Could America End Up with Civilian Prison Labor Camps?
Our American Army units are legally authorized to establish civilian prisoner labor camps on the very lands of military installations that our taxes pay for. These actions are authorized by a little known regulation which permits these acts under the request of the Bureau of Prisons.
This regulation is Army Regulation 210-35. This is not a newly established law laid out by the Obama administration but rather one that was defined under the Bush administration when they were expanding the presidential powers during any emergency situation.
This regulation clearly defines the Army’s purpose in establishing the prison camps within Army installations for purposes of utilizing nonviolent civilian inmates into a unified labor pool for working on the specific portions of federal land. The U.S. attorney general will handle the responsibility for availing to the various heads of different departments, which incidentally includes the Army, of the services of prisoners for tasks such as works projects which are funded by Congress. Currently the program restricts the prisoners to those under control of the Federal Bureau of Prisons.

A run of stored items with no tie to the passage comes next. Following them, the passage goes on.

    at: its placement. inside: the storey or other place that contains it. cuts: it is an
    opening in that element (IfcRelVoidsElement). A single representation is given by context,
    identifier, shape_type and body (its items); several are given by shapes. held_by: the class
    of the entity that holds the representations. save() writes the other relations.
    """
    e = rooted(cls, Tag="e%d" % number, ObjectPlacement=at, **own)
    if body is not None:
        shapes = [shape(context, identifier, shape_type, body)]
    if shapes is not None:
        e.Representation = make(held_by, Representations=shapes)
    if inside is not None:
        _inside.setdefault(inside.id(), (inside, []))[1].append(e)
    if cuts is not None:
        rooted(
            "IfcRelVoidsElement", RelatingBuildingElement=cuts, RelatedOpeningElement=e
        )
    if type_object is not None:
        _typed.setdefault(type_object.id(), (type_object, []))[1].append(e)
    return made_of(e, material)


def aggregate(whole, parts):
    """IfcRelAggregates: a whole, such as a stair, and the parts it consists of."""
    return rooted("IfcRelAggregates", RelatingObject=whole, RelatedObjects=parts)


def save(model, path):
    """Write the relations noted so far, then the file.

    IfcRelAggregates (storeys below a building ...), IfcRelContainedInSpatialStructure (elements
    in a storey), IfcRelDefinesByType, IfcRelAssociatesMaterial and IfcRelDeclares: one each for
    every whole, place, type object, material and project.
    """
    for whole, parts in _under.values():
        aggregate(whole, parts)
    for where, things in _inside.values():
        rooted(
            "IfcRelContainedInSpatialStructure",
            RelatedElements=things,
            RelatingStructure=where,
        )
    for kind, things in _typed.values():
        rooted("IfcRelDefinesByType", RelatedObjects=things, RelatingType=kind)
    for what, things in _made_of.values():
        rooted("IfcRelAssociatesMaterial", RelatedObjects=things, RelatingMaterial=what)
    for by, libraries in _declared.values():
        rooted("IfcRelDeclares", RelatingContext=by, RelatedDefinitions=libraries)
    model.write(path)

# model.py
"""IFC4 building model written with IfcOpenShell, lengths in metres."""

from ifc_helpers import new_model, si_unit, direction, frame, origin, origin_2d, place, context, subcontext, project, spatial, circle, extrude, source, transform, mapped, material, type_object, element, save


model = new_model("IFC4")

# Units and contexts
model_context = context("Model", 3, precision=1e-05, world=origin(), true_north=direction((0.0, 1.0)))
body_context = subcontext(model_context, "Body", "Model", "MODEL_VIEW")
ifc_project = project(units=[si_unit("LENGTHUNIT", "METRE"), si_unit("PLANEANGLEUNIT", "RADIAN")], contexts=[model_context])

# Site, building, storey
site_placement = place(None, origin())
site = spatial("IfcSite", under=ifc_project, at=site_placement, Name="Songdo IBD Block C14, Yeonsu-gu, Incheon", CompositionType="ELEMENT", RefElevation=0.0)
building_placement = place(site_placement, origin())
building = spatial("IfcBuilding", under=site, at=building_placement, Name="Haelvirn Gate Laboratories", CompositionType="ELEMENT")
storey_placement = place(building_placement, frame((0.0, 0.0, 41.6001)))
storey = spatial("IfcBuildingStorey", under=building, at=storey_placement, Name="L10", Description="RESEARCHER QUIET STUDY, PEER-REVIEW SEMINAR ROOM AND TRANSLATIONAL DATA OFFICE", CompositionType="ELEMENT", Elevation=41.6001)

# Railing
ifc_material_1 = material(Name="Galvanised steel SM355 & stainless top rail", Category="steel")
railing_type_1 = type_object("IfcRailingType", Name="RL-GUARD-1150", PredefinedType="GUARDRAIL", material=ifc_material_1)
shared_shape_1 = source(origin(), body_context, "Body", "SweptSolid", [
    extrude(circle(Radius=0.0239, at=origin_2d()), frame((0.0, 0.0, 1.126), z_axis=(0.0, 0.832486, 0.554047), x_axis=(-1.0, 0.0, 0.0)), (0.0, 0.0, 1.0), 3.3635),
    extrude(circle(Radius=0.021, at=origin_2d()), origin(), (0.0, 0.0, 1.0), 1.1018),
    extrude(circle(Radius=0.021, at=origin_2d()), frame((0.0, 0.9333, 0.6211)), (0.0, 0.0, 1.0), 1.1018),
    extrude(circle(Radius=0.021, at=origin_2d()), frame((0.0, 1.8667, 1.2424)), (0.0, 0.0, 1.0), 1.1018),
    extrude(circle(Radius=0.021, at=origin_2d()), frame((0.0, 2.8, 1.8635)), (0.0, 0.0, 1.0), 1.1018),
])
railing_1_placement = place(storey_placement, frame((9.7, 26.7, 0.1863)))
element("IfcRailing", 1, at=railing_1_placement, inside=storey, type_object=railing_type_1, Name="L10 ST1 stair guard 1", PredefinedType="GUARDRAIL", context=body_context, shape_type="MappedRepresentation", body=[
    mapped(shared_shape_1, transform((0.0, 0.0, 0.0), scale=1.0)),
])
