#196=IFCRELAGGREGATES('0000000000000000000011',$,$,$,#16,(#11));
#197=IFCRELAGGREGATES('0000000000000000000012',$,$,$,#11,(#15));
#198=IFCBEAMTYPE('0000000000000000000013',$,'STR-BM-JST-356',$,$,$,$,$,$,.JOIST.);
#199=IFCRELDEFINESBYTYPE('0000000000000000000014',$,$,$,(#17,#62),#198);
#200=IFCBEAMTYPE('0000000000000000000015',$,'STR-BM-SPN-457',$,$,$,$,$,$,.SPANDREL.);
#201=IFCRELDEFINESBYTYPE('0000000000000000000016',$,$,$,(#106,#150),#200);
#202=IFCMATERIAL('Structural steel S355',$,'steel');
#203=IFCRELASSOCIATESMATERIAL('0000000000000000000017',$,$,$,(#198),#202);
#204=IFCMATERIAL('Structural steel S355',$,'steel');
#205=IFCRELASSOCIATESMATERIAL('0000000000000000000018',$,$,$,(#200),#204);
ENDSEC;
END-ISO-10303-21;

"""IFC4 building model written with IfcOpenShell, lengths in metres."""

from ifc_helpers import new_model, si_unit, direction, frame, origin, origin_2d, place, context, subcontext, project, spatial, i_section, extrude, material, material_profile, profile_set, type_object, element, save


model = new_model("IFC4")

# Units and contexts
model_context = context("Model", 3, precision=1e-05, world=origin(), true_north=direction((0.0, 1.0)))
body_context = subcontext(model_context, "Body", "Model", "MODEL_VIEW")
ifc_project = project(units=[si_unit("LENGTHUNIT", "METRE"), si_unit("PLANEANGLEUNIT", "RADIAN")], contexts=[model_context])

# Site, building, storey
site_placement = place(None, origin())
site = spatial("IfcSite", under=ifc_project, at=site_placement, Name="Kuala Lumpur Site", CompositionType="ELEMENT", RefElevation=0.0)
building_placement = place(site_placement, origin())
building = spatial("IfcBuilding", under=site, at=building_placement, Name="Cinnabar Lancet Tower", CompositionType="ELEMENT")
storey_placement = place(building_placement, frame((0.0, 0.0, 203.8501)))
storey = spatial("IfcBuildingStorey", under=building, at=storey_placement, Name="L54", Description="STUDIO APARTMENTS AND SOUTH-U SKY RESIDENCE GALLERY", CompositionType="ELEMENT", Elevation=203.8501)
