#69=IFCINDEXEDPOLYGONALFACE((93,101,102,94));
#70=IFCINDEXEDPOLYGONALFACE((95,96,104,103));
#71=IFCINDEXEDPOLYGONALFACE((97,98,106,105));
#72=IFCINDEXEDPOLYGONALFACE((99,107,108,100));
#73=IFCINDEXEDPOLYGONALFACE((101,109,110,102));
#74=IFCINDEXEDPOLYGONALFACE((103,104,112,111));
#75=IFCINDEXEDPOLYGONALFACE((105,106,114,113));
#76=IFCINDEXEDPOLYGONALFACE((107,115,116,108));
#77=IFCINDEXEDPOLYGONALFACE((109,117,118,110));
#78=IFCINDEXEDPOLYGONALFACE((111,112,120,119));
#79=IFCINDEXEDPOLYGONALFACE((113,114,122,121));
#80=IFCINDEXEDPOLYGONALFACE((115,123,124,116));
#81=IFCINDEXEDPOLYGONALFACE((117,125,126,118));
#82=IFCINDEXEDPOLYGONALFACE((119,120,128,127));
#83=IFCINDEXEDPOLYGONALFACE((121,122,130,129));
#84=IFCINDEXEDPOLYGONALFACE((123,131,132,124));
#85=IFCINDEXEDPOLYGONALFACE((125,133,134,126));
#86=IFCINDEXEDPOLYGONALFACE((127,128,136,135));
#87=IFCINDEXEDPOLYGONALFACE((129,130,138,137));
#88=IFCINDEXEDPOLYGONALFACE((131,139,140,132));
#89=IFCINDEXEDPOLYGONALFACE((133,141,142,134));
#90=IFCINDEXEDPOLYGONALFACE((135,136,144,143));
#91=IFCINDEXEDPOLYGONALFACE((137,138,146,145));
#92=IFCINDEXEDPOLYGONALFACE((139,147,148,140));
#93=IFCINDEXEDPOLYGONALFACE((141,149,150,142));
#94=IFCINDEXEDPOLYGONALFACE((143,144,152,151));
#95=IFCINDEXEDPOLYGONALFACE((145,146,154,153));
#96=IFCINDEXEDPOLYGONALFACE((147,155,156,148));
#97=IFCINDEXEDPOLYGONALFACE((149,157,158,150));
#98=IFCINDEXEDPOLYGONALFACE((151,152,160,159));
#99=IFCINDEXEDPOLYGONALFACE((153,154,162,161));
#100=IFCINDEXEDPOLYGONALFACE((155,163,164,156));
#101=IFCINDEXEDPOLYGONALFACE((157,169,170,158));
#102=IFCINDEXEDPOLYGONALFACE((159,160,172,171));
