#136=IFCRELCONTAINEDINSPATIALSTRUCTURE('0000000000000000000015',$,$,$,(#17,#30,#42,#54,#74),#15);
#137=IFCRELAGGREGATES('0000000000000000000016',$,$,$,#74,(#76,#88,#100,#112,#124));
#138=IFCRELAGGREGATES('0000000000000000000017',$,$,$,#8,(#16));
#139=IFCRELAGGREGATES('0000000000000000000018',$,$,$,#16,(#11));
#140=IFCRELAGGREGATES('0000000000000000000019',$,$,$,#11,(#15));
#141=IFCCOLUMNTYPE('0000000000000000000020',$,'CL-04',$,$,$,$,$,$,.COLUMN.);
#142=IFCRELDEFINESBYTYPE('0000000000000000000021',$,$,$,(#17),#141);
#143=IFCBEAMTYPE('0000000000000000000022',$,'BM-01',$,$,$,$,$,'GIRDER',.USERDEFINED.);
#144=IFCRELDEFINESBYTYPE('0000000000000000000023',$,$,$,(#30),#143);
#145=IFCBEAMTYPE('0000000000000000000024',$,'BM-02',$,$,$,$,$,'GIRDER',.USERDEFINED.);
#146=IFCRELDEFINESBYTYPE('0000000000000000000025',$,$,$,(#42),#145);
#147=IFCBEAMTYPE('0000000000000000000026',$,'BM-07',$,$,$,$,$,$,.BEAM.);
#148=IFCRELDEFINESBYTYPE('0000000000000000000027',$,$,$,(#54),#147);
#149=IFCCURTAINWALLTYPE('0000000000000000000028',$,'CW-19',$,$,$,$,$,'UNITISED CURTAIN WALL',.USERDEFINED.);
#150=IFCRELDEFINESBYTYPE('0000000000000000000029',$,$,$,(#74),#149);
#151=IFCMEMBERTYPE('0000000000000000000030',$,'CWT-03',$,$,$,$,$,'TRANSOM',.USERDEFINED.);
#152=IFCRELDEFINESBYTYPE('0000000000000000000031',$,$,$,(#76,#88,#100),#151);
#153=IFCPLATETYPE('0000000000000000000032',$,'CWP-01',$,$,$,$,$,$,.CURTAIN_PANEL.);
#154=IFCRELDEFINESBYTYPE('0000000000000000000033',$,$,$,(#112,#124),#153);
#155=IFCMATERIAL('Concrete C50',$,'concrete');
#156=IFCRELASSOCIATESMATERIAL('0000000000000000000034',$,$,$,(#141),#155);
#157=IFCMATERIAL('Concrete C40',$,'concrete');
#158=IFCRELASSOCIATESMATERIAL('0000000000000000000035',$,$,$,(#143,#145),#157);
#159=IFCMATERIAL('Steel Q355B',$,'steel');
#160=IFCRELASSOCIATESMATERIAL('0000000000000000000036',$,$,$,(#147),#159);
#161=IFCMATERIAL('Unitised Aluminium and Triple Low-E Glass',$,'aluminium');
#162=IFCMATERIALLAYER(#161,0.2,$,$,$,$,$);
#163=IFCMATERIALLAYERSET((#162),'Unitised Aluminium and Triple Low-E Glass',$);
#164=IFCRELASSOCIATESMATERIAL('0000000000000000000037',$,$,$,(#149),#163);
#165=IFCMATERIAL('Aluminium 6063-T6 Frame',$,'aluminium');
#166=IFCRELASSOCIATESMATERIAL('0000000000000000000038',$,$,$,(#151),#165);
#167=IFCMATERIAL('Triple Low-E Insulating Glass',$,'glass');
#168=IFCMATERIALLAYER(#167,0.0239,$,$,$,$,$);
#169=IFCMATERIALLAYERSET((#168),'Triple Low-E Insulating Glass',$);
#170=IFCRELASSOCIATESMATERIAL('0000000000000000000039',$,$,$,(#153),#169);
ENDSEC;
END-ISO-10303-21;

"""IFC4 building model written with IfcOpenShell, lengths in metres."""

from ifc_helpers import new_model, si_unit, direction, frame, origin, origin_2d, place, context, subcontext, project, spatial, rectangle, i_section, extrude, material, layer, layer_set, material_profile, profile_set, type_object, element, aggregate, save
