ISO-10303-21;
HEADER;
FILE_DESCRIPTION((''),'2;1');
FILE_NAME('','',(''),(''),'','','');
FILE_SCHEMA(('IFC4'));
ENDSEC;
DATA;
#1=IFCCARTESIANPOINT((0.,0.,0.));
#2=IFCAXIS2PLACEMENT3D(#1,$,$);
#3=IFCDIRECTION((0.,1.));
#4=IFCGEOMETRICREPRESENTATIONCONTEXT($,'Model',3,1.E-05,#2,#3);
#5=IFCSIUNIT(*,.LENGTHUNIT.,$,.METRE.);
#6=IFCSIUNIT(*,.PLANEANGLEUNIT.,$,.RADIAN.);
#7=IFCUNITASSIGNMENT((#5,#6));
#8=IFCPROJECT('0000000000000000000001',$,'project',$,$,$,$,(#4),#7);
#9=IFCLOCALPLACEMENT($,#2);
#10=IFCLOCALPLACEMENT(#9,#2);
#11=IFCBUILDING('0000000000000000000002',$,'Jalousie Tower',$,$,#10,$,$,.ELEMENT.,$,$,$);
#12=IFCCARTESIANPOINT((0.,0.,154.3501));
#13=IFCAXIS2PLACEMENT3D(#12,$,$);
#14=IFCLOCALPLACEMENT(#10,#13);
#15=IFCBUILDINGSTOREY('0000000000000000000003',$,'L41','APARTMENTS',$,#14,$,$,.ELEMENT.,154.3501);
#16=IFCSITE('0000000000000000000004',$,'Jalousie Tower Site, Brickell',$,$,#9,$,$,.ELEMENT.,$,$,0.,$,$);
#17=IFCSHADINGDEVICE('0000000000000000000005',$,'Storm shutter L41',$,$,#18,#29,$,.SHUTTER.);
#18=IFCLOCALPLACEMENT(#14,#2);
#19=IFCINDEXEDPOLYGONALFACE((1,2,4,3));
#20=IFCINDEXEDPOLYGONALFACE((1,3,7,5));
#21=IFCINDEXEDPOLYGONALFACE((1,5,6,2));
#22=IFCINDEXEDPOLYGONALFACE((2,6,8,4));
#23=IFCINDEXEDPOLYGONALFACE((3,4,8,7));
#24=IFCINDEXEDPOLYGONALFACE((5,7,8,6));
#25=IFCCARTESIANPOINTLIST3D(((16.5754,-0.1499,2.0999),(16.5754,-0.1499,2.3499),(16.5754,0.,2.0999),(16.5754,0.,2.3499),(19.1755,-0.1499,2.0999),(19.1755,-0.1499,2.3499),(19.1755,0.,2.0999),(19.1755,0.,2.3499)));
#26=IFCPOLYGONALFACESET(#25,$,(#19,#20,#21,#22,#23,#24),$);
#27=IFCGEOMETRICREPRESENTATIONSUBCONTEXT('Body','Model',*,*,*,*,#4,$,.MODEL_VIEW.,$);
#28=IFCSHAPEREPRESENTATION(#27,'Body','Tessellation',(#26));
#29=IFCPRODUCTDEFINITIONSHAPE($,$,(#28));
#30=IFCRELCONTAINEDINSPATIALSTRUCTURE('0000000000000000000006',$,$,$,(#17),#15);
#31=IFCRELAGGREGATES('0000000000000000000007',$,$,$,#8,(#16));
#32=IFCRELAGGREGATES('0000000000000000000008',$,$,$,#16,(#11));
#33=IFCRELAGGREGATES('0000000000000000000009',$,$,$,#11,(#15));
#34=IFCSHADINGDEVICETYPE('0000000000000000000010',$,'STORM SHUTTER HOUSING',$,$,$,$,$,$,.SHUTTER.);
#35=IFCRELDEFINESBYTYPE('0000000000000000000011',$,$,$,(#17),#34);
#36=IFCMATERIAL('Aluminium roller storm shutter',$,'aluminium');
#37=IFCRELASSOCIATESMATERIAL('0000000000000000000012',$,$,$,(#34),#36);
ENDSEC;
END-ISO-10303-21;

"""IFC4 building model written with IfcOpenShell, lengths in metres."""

from ifc_helpers import new_model, si_unit, direction, frame, origin, origin_2d, place, context, subcontext, project, spatial, rectangle, extrude, material, type_object, element, save


model = new_model("IFC4")

# Units and contexts
model_context = context("Model", 3, precision=1e-05, world=origin(), true_north=direction((0.0, 1.0)))
body_context = subcontext(model_context, "Body", "Model", "MODEL_VIEW")
ifc_project = project(units=[si_unit("LENGTHUNIT", "METRE"), si_unit("PLANEANGLEUNIT", "RADIAN")], contexts=[model_context])

# Site, building, storey
site_placement = place(None, origin())
site = spatial("IfcSite", under=ifc_project, at=site_placement, Name="Jalousie Tower Site, Brickell", CompositionType="ELEMENT", RefElevation=0.0)
building_placement = place(site_placement, origin())
building = spatial("IfcBuilding", under=site, at=building_placement, Name="Jalousie Tower", CompositionType="ELEMENT")
storey_placement = place(building_placement, frame((0.0, 0.0, 154.3501)))
storey = spatial("IfcBuildingStorey", under=building, at=storey_placement, Name="L41", Description="APARTMENTS", CompositionType="ELEMENT", Elevation=154.3501)

# Shading device
ifc_material_1 = material(Name="Aluminium roller storm shutter", Category="aluminium")
shading_device_type = type_object("IfcShadingDeviceType", Name="STORM SHUTTER HOUSING", PredefinedType="SHUTTER", material=ifc_material_1)
shading_device_placement = place(storey_placement, frame((17.8755, -0.075, 2.0999), z_axis=(0.0, 0.0, 1.0), x_axis=(1.0, 0.0, 0.0)))
element("IfcShadingDevice", 1, at=shading_device_placement, inside=storey, type_object=shading_device_type, Name="Storm shutter L41", PredefinedType="SHUTTER", context=body_context, shape_type="SweptSolid", body=[
    extrude(rectangle(XDim=2.6001, YDim=0.1499, at=origin_2d()), origin(), (0.0, 0.0, 1.0), 0.25),
])

save(model, "model.ifc")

This is merely an additional portion of the declared powers that President Bush had signed in the name of the Presidential National Security Directive Number 51 and the closely followed Presidential Homeland Security Directive Number 20 which granted him dictatorial powers in the event he declared the country to be in a state of national emergency. Those who may be familiar with these previous directives will readily recall how they defined catastrophic emergency in a rather loose manner referencing an incident with no regard to location which results in extreme levels of casualties or severely affects the general population.
Whenever the nation’s president determines that a catastrophic emergency exists he can invoke these directives and immediately take control of all governmental functions including those of the federal, all state, all local as well as territorial or tribal levels. He is also afforded the power to direct private activities in order to assure that America emerges successfully from the emergency.
What this amounts to is that our president at his personal determination can declare a national emergency and invoke the powers that congress has allowed him to reserve for himself. Yes, these same powers that would normally be reserved only for dictators in a third world country. The last time that civilians in America were incarcerated in Army installations was during World War II when the Japanese were placed in concentration camps. Of interest in this concept is that Fort Dix New Jersey has two civilian labor camps established on its property. One of these camps is federally sponsored while the second is state owned. It is not unusual to find that Fort Dix routinely makes use of inmate labor for maintenance of the grounds and other minor manual labor tasks.